Tag: a-bad-moms-christmas

  • How ‘Thor: Ragnarok’ Affected the Rest of the Box Office

    Are you not entertained?

    The gladiator-themed “Thor: Ragnarokwalloped the box office this weekend, debuting way above expectations with an estimated $121.0 million. The Marvel adventure boosted the box office to its biggest weekend since “Dunkirk” opened four months ago. So why isn’t the cheering from the stadium seats louder?

    Maybe because the success of “Ragnarok” doesn’t mean that the long box office slump is necessarily over. It was a good weekend if you’re a Marvel fan (or a Disney executive), but not so good for many others. The Thor-vs.-Hulk contest yielded a number of winners and losers beyond the arena, and together, they reveal a picture of a box office that’s still going to have to struggle to catch up with last year’s earnings.

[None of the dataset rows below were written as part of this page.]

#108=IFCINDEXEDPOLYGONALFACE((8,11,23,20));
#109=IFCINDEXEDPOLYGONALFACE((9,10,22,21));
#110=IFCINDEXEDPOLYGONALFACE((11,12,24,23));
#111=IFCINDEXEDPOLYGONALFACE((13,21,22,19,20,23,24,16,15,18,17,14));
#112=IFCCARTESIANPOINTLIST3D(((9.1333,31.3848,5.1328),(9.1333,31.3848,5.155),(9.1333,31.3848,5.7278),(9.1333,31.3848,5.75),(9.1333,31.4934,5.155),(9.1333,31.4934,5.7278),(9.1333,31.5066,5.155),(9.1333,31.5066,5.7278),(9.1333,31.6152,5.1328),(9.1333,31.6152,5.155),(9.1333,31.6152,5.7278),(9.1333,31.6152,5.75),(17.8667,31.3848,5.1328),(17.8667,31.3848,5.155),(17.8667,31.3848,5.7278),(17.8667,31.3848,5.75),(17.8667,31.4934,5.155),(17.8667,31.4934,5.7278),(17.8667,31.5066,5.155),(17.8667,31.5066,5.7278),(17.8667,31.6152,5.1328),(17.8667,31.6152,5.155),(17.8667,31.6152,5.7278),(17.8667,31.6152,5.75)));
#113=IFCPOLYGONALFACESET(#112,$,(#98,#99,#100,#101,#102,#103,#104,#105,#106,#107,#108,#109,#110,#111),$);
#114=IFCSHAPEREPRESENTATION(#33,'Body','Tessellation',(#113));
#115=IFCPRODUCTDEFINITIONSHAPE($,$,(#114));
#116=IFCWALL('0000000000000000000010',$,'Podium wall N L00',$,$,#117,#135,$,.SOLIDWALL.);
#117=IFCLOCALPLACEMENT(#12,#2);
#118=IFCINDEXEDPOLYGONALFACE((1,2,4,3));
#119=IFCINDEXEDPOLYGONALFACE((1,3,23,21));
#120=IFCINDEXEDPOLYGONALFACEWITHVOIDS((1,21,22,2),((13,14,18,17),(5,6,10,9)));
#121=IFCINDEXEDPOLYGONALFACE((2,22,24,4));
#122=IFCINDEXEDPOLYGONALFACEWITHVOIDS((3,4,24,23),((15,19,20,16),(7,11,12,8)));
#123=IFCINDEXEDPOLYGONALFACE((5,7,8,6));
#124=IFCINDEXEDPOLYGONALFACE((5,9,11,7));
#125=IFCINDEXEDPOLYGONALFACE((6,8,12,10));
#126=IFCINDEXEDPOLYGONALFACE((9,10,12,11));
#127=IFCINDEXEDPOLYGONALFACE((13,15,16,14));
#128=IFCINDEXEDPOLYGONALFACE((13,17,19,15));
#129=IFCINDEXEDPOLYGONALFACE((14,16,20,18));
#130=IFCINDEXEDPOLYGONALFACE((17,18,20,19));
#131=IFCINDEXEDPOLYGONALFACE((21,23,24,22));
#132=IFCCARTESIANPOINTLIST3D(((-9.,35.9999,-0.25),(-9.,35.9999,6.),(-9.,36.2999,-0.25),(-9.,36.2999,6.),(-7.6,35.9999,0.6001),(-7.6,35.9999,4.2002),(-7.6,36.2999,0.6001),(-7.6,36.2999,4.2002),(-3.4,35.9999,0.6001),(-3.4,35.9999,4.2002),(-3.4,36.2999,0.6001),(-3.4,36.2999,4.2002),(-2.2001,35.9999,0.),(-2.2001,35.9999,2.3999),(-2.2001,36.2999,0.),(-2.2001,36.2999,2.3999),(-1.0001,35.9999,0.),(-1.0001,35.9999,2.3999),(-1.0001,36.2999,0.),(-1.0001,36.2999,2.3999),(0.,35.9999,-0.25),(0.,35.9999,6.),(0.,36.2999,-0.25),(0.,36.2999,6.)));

    Winner: Disney. The “Ragnarok” opening means Disney owns three of the four biggest premieres of 2017 so far (along with “Beauty and the Beast” and Marvel’s “Guardians of the Galaxy Vol. 2“). Plus, the studio still has Pixar’s “Coco” and “Star Wars: The Last Jedi” coming out before the end of the year. All the wailing and gnashing of teeth you hear from other studios is drowned out at the Magic Kingdom by the sound of cash registers ka-chinging.

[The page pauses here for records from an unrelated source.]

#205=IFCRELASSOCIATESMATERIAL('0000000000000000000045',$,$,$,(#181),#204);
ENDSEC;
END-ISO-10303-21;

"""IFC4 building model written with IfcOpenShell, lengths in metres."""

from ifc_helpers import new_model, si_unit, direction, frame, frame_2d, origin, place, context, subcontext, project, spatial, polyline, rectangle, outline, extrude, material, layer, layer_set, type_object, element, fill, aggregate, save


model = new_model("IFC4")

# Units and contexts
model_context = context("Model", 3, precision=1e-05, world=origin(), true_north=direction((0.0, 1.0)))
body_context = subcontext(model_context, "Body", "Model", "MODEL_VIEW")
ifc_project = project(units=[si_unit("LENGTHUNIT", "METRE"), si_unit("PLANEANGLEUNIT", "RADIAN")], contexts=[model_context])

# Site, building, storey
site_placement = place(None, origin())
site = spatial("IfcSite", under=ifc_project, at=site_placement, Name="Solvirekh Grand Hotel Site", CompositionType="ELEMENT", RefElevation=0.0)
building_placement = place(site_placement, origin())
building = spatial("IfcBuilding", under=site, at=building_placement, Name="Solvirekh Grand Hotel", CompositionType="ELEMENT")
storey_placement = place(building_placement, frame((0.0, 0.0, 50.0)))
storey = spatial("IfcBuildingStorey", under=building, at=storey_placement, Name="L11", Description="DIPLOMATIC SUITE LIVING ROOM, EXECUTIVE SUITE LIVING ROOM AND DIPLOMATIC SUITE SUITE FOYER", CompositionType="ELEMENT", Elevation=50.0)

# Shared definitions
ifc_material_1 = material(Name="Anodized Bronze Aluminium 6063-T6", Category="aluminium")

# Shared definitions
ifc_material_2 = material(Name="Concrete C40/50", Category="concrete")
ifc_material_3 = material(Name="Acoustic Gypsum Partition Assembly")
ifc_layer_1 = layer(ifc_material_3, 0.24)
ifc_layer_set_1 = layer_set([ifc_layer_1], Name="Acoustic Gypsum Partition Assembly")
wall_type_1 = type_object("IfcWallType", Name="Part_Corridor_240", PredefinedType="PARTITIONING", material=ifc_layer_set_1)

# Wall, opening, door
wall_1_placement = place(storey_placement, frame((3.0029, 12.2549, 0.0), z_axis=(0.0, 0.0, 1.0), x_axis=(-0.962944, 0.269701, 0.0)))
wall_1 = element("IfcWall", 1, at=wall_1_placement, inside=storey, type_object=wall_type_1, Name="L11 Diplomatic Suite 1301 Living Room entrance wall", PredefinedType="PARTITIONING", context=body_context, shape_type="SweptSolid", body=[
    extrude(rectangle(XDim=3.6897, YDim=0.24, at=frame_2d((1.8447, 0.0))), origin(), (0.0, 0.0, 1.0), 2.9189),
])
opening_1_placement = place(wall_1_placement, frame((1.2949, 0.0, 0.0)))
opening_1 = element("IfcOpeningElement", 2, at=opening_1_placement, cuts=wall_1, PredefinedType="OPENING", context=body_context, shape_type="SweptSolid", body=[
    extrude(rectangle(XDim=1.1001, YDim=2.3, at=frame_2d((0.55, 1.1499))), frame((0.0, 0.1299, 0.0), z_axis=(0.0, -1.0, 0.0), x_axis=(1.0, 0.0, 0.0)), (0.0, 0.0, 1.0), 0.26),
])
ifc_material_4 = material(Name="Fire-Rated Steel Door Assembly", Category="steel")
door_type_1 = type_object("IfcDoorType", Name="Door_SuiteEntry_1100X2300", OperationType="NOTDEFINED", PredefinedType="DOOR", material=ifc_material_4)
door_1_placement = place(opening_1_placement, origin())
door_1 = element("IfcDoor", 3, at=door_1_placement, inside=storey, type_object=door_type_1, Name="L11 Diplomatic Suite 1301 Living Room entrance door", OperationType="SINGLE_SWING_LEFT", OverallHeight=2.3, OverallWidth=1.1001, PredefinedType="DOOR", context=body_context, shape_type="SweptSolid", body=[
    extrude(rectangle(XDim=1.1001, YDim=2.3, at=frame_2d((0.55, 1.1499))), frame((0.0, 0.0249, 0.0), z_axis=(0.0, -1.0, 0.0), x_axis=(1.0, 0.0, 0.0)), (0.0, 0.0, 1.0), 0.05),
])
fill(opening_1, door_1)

    Winner: Marvel Cinematic Universe. Usually, threequels show signs of diminishing returns. Not at Marvel, where every “Thor” picture has opened bigger than the last. (2011’s “Thor” premiered with $65.7 million, while 2013’s “Thor: The Dark World” debuted with $85.7 million.) The same holds true of other MCU mini-franchises, including “Captain America” and “Iron Man.” Give credit to Marvel Studios for both quality control (“Ragnarok” earned a 93 percent fresh ratings from critics at Rotten Tomatoes and an A grade from paying customers at CinemaScore) and for keeping new installments fresh with unique approaches — in this case, the humorous tone of New Zealand director Taika Waititi.

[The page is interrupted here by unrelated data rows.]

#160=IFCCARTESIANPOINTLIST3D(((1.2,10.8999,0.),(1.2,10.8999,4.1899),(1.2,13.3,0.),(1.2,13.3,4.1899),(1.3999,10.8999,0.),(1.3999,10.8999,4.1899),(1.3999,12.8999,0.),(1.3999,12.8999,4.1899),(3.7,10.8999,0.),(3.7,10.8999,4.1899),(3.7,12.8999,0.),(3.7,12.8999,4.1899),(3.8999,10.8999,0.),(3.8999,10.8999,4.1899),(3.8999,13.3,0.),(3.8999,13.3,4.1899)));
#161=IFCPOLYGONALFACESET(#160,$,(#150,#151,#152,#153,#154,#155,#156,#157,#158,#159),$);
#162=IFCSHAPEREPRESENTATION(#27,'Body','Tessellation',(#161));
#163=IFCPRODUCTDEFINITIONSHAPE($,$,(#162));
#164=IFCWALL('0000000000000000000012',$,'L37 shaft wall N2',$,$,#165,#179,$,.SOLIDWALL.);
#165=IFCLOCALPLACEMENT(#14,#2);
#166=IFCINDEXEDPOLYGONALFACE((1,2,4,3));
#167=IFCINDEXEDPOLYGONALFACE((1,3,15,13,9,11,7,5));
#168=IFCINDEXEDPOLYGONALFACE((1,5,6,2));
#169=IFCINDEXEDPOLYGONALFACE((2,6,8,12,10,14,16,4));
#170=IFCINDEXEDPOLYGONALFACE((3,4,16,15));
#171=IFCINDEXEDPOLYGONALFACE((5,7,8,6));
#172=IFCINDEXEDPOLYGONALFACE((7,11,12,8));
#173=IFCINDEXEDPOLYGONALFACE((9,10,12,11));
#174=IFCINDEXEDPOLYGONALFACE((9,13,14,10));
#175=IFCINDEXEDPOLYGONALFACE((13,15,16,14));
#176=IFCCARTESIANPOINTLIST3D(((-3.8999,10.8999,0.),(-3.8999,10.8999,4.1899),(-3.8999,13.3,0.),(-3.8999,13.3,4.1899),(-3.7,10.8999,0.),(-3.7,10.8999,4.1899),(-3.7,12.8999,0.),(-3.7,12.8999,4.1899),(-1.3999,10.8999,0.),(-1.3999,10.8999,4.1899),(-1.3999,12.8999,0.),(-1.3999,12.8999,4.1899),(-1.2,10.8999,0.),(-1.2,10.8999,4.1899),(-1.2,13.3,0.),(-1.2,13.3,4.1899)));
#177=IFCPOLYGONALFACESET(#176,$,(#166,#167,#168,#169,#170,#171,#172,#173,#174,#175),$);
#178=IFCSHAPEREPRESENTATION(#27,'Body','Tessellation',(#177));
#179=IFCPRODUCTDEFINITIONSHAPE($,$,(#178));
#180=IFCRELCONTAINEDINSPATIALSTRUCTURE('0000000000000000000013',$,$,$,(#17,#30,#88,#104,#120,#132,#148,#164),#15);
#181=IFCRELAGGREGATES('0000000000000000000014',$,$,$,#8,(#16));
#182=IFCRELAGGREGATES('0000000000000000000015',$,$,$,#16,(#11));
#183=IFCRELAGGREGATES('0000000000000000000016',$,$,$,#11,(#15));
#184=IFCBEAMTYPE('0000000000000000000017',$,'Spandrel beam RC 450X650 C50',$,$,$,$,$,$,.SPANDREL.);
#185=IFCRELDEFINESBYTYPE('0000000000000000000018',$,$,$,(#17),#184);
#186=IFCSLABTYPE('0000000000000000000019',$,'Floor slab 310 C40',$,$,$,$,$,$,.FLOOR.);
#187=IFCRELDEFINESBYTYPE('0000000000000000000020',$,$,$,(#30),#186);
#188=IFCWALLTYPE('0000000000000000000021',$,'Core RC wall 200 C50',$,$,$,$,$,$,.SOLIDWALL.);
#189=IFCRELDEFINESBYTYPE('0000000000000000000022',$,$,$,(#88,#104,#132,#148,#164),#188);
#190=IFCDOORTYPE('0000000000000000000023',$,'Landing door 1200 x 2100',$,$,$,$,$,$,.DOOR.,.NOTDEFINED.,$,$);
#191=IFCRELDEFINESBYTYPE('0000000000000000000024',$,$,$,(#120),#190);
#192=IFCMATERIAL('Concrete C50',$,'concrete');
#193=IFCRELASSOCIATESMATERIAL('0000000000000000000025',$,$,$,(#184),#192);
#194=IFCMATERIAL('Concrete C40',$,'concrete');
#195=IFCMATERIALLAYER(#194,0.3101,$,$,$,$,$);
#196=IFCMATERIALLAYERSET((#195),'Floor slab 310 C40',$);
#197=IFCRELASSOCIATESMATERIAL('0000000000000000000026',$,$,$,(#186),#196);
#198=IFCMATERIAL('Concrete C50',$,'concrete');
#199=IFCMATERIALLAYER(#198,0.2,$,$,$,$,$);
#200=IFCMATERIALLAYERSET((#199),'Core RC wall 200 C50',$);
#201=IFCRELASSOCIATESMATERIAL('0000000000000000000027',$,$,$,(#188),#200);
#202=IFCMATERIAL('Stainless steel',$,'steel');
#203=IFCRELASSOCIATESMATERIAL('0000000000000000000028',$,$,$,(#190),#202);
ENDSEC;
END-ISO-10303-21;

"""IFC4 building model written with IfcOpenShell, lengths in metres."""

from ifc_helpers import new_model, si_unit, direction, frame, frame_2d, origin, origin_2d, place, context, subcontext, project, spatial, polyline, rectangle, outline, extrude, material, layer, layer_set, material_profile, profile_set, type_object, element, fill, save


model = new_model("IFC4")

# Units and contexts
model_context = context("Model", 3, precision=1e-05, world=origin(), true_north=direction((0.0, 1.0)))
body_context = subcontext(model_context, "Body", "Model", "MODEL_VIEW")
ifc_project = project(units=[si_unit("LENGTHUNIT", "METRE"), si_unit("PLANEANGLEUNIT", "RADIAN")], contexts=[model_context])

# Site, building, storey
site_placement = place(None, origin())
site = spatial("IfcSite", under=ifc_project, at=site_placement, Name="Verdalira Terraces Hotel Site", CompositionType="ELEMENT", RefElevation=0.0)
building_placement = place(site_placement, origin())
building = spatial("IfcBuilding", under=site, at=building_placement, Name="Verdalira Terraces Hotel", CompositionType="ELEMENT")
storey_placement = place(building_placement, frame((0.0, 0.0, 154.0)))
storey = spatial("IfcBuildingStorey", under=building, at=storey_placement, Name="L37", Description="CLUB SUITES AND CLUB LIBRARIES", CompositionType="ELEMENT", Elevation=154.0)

    Loser: Kids. Remember when comic-book movies were dismissed as kiddie fare? No more. Only 16 percent of the “Ragnarok” audience was under 17. Viewers 25 and older made up 63 percent of the viewers. And adults were also the target audience for this weekend’s other new wide release, R-rated comedy sequel “A Bad Moms Christmas.” In fact, there wasn’t a tot-friendly movie anywhere among the top 15 releases, and nothing for the little ones to see outside the few theaters still playing “The LEGO Ninjago Movie” and “My LIttle Pony: The Movie.” Yes, it’s fall, and traditionally, it’s the time of year for grown-up movies, but it’s still rare to see a multiplex slate that so thoroughly writes off the tween-and-younger demographic.Loser: “A Bad Moms Christmas.” You can sort of see the logic here: With “Ragnarok” skewing 56 percent male, there seemed to be a vacuum for a movie that appealed to women. A sequel to last summer’s “Bad Moms” seemed just the ticket. But audiences and critics alike felt this installment was slapdash compared to the last one (the 2016 movie earned a 58 percent fresh rating at RT and an A at CinemaScore, while the new one earned a 32 percent RT score and a B grade at CinemaScore). Plus, the day after Halloween may be too soon to open a Christmas-themed movie.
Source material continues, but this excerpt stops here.